A place for children of all ages
Børnekulturhus Ama’r has been a complex project in many ways, involving a long construction process. However, it was worth it resulting in a magnificent building which encourages children’s play and discovery among its unusual shapes, spaces and rooms.
Gravity has been put to the test in the first children's cultural centre on Amager, where nothing is as you would expect – perhaps because children have been asked to make suggestions for its interior! Dorte Mandrup Architects, in cooperation with Nøhr & Sigsgaard Architects, found solutions for the creative and technical challenges which the building’s brief required. Troldtekt panels have been used on all ceilings – including the flower meadow, which is upside down together with a couple of Martians (also upside down).
The building's very complicated structural shape is reflected in the sloping ceilings, which add good acoustics in all the rooms. Architecturally, the children's culture centre is very unified with a unique identity, while containing a myriad of flexible and connected rooms of varying size.
"It has been important while designing the centre's many different rooms to ensure that they are mutually connected visually and linked by the dynamic ceilings and wall surfaces," said Anders Brink, architect at Dorte Mandrup Architects.

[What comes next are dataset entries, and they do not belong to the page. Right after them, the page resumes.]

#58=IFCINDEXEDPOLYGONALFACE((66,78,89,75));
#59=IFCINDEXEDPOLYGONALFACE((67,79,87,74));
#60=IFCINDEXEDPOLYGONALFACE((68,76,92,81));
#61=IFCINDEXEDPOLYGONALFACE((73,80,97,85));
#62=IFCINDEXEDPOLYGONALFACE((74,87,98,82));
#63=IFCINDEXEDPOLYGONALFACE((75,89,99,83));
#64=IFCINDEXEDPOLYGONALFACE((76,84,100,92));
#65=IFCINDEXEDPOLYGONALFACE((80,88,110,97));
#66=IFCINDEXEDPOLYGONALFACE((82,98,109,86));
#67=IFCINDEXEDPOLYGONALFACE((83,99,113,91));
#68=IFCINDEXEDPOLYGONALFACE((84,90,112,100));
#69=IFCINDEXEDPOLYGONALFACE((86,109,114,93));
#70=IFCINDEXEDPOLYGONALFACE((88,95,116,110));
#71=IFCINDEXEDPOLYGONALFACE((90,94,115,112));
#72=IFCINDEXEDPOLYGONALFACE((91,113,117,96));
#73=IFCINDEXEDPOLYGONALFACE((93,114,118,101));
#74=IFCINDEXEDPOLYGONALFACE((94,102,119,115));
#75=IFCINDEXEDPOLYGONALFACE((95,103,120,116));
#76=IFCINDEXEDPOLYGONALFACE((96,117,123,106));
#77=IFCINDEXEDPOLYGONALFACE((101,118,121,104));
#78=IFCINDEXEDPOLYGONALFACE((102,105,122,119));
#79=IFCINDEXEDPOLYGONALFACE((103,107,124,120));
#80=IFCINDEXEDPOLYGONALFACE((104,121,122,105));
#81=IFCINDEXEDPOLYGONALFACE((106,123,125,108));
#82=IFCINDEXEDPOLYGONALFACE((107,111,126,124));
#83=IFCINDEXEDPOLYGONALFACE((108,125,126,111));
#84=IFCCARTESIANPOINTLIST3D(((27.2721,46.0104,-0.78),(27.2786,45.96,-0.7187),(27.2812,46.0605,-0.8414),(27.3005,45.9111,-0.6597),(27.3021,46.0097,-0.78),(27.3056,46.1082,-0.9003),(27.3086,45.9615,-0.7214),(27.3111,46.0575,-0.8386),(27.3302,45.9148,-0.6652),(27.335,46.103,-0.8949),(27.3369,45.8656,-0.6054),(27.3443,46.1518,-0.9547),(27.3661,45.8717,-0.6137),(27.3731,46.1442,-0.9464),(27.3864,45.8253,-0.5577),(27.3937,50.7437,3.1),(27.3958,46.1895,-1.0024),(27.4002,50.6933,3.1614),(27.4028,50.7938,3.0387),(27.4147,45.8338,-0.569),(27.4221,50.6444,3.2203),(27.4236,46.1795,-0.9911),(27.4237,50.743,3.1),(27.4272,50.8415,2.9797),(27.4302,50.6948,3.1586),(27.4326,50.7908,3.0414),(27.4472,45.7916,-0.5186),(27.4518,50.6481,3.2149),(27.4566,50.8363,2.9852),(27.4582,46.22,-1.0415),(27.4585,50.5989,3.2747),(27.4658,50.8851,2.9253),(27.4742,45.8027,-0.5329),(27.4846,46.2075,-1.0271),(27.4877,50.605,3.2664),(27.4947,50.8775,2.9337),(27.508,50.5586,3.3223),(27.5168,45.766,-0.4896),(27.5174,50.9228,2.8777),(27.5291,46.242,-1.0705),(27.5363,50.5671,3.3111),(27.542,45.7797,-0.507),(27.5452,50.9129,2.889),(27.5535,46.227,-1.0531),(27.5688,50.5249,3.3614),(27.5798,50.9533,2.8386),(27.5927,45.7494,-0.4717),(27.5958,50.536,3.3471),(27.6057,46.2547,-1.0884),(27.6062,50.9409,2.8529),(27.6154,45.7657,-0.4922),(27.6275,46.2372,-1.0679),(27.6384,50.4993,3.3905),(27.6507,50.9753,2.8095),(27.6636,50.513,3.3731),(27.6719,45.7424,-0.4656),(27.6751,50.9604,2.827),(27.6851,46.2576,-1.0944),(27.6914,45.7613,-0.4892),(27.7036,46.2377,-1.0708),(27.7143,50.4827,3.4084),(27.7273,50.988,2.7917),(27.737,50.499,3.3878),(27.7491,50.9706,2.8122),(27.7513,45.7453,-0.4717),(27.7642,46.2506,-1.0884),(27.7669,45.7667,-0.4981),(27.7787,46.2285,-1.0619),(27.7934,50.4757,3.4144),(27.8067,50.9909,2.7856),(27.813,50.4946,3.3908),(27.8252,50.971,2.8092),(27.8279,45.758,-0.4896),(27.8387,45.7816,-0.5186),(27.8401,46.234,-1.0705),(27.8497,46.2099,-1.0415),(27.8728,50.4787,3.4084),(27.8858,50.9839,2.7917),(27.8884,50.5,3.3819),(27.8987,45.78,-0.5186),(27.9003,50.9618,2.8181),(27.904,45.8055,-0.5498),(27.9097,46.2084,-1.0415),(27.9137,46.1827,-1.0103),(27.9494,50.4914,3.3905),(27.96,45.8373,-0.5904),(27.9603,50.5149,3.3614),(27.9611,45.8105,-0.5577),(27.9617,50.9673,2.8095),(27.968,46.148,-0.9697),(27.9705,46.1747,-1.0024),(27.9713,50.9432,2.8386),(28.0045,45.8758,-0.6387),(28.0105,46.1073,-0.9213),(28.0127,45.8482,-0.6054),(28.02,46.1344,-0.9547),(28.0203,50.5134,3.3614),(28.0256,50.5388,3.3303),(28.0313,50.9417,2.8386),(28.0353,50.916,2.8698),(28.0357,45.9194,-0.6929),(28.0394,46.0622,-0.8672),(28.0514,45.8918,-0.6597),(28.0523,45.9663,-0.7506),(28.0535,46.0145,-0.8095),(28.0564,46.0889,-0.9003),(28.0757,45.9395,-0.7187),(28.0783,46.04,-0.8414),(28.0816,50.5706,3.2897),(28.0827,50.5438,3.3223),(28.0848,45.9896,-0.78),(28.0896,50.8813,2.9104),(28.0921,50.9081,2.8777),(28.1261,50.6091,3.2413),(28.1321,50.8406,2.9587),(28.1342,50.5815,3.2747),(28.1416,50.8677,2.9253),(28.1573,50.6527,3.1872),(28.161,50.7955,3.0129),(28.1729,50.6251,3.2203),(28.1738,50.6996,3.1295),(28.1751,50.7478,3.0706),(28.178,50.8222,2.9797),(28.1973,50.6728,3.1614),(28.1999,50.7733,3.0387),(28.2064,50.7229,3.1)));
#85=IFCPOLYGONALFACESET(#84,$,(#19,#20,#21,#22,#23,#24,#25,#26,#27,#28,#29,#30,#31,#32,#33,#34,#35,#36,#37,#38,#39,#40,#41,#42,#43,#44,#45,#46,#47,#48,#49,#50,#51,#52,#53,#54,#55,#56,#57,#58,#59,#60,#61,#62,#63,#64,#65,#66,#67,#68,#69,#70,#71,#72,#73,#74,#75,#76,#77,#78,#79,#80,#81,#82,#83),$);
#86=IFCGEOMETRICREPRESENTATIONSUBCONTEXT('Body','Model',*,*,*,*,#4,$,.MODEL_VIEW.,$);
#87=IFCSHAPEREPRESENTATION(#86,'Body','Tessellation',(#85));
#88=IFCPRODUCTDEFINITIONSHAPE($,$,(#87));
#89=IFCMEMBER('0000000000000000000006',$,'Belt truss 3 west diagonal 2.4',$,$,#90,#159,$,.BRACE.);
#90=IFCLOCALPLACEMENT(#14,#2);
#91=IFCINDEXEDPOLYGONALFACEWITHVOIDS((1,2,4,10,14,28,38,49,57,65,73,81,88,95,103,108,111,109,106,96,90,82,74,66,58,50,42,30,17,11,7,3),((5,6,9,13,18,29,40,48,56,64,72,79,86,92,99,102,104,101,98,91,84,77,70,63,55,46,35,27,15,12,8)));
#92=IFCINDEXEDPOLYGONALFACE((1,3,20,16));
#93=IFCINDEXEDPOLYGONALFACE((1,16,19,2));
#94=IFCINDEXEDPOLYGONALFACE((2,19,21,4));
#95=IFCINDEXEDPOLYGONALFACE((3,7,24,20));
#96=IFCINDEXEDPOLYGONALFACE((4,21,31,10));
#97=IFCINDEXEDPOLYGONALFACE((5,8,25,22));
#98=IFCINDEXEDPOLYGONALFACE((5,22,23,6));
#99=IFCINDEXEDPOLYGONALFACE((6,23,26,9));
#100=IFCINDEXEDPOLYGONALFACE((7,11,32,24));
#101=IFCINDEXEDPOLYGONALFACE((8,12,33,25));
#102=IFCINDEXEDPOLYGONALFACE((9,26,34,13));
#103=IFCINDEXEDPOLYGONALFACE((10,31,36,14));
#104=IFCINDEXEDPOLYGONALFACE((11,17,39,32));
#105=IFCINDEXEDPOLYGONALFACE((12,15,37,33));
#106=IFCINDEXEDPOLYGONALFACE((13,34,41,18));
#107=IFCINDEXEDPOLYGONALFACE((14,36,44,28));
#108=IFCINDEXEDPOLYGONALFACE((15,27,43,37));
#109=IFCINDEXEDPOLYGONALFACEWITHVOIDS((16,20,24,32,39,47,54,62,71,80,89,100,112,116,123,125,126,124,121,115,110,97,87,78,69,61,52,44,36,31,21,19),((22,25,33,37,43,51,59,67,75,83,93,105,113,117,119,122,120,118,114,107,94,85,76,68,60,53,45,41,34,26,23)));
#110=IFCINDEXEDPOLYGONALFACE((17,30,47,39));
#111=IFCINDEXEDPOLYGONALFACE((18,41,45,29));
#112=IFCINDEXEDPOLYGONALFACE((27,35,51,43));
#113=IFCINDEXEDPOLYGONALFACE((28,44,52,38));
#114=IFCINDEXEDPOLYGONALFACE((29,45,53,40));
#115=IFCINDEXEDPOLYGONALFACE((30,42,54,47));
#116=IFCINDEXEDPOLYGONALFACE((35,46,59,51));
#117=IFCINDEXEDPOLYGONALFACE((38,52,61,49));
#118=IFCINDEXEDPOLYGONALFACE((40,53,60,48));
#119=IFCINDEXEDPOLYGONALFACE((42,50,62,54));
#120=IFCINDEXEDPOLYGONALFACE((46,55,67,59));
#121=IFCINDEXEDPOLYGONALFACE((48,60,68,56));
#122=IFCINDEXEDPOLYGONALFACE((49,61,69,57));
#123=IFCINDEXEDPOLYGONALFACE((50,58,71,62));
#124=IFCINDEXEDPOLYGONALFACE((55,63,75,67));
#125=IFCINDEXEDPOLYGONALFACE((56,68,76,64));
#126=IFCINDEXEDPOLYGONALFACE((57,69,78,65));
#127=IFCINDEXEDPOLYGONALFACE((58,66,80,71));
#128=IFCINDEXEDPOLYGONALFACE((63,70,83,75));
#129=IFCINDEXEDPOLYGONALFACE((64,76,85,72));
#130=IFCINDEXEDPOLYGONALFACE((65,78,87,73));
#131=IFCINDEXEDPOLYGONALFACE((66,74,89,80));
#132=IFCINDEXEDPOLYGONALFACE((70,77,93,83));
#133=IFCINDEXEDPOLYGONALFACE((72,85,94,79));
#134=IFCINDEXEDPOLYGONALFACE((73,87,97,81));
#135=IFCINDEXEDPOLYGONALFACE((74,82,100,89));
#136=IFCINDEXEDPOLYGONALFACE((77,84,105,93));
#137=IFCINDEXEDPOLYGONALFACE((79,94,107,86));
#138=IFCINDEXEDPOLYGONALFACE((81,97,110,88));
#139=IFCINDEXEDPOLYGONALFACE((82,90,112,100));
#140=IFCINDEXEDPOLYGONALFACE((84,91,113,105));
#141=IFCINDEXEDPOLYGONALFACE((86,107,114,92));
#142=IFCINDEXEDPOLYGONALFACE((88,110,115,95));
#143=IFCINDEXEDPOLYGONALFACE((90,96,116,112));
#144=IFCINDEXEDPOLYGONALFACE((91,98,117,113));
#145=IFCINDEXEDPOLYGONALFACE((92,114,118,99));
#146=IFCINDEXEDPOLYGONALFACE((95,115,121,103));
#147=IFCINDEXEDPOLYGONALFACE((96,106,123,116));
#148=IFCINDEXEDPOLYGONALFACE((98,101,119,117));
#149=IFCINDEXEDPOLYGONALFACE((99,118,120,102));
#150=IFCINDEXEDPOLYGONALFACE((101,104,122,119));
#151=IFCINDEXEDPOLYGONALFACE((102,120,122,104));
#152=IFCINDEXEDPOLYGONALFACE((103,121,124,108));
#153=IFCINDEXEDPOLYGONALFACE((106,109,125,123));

The children's culture centre offers daily workshops and events open to all children so therefore the rooms have been designed to cater for changing functions and activities. The materials used are durable and sustainable. For example, the window bays are made of sustainable, certified wood while Troldtekt panels are made from environmentally friendly cement and wood. The services are also modern, such as the windows that open automatically on hot days.